The operator-counting heuristic was the starting point for this issue, since we lost 13 tasks when switching off OSI. While memory performance increased a lot, this didn't change much as the config also rarely runs out of memory. The lost tasks all timed out. With the SoPlex fix, things speed up somewhat and we recover 3 of the lost tasks. Storing the basis seemed to be OK here (same number of expansions everywhere) and increased the overall time score by almost 7 (without an effect on coverage unfortunately). Additionally switching off the scaler also has a positive effect on runtime (+2 total time score, +2 coverage). Interestingly, the time score of the final config (665.33) is higher than that of the OSI config (661.36) but the number of timeouts is higher. My guess is that the impact of restoring the basis is very dependent on the domain. For example, it helps a lot in Miconic, where it increases the time score by 4 without solving additional tasks.
Report: https://ai.dmi.unibas.ch/_experiments/ai/downward/issue1124/data/issue1124-v2-eval/report-seq-lmcut.html
Plot showing the effect on runtime in Miconic:
https://ai.dmi.unibas.ch/_visualizer/?xattribute=total_time&yattribute=total_time&properties_file=https%3A%2F%2Fai.dmi.unibas.ch%2F_experiments%2Fai%2Fdownward%2Fissue1124%2Fdata%2Fissue1124-v2-eval%2Fproperties.tar.xz&groupby=domain&xsize=1000&ysize=1000&entries_list=soplex604x-basis-noscale-seq-lmcut+osi-seq-lmcut+seq-lmcut&y_range=%5B0.4580125258299728%2C+11.0%5D&x_range=%5B0.009000000000000001%2C+1100.0%5D&relative=true

When profiling SoPlex in issue1076, we noticed that its performance degraded compared to the version using OSI. Together with the OSI developers, I traced this down to a couple of issues:

* The new code spends a lot of time in the "scaler" (a way to multiply all coefficients by a constant to get better numerical stability). This can be switched off and improved performance in the instance I used for profiling.
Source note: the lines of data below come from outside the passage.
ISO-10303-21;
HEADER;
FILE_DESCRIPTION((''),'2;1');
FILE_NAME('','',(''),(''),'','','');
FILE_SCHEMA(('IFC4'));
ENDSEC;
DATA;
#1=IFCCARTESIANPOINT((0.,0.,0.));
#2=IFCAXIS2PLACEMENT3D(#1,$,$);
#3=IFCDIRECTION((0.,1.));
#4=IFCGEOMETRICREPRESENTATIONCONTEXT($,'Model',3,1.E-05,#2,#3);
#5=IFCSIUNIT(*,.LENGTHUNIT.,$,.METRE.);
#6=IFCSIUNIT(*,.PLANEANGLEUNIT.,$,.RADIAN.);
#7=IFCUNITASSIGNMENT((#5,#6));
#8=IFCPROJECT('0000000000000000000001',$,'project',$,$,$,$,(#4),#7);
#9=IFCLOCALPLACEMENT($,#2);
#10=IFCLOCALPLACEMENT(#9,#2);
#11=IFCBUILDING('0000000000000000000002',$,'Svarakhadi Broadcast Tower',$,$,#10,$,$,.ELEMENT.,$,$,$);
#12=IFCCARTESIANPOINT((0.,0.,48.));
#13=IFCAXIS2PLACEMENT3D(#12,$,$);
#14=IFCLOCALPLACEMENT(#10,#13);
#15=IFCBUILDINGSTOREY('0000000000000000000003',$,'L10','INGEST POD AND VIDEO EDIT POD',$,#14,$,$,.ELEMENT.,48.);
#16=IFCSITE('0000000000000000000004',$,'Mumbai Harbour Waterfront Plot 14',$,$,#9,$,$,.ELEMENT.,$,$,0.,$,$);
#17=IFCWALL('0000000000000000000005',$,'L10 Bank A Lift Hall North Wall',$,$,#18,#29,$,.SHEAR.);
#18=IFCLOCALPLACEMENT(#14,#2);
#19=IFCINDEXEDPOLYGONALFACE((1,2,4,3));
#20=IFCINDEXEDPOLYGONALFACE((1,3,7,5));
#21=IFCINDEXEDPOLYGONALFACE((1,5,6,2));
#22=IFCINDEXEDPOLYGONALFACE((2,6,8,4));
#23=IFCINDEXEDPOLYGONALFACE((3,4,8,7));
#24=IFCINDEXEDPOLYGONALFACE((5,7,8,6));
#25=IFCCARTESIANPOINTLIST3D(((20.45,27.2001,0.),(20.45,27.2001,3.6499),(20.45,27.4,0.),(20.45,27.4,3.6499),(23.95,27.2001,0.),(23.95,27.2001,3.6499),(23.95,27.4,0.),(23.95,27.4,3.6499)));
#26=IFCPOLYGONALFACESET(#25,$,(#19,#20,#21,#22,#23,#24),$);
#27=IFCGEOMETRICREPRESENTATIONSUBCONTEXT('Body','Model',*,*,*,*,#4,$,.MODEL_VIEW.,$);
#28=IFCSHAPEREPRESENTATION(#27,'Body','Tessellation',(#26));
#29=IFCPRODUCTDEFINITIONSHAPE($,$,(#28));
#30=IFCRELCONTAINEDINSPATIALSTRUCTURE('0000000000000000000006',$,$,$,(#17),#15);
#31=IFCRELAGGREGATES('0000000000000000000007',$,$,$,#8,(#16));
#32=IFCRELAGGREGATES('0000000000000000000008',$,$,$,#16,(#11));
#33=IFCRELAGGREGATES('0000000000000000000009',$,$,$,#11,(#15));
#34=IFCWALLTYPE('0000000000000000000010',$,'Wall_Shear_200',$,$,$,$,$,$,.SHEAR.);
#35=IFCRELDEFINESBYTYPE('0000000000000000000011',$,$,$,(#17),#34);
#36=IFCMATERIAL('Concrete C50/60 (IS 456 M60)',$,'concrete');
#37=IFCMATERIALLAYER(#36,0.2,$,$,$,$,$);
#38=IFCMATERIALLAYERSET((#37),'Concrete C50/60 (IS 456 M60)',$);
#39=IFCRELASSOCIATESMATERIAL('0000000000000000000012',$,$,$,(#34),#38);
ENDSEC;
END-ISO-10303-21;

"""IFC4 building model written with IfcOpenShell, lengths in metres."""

from ifc_helpers import new_model, si_unit, direction, frame, frame_2d, origin, place, context, subcontext, project, spatial, rectangle, extrude, material, layer, layer_set, type_object, element, save


model = new_model("IFC4")

# Units and contexts
model_context = context("Model", 3, precision=1e-05, world=origin(), true_north=direction((0.0, 1.0)))
body_context = subcontext(model_context, "Body", "Model", "MODEL_VIEW")
ifc_project = project(units=[si_unit("LENGTHUNIT", "METRE"), si_unit("PLANEANGLEUNIT", "RADIAN")], contexts=[model_context])

# Site, building, storey
site_placement = place(None, origin())
site = spatial("IfcSite", under=ifc_project, at=site_placement, Name="Mumbai Harbour Waterfront Plot 14", CompositionType="ELEMENT", RefElevation=0.0)
building_placement = place(site_placement, origin())
building = spatial("IfcBuilding", under=site, at=building_placement, Name="Svarakhadi Broadcast Tower", CompositionType="ELEMENT")
storey_placement = place(building_placement, frame((0.0, 0.0, 48.0)))
storey = spatial("IfcBuildingStorey", under=building, at=storey_placement, Name="L10", Description="INGEST POD AND VIDEO EDIT POD", CompositionType="ELEMENT", Elevation=48.0)

# Wall
ifc_material_1 = material(Name="Concrete C50/60 (IS 456 M60)", Category="concrete")
ifc_layer_1 = layer(ifc_material_1, 0.2)
ifc_layer_set_1 = layer_set([ifc_layer_1], Name="Concrete C50/60 (IS 456 M60)")
wall_type_1 = type_object("IfcWallType", Name="Wall_Shear_200", PredefinedType="SHEAR", material=ifc_layer_set_1)
wall_1_placement = place(storey_placement, frame((20.45, 27.3, 0.0), z_axis=(0.0, 0.0, 1.0), x_axis=(1.0, 0.0, 0.0)))
element("IfcWall", 1, at=wall_1_placement, inside=storey, type_object=wall_type_1, Name="L10 Bank A Lift Hall North Wall", PredefinedType="SHEAR", context=body_context, shape_type="SweptSolid", body=[
    extrude(rectangle(XDim=3.5, YDim=0.2, at=frame_2d((1.75, 0.0))), origin(), (0.0, 0.0, 1.0), 3.6499),
])

save(model, "model.ifc")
* SoPlex cleared some temporary data in cases where this was not necessary. This is fixed by https://github.com/scipopt/soplex/pull/20 The pull request is merged but not released yet.

* OSI (or the old SoPlex version) seems to warm-start in cases where the new SoPlex cannot do this. In particular, this happened in an operator-counting configuration with landmark constraints. From one solve to the next bounds were changed (not an issue for warm starts) but we also remove all landmark constraints and add new ones. In the example I looked at, these landmark constraints didn't change in a lot of cases (so we added the same constraints we removed). The new SoPlex invalidates the current solution and starts from scratch, while the old one could solve the LP with 0 simplex iterations (i.e., the old basis immediately led to an optimal solution). A quick fix for this is to actively store the basis after every solve and restore it before the next solve if the dimensions of the problem still match. This also improved performance in the instance where I profiled this.

I plan to run some experiments to see if the performance increase holds up.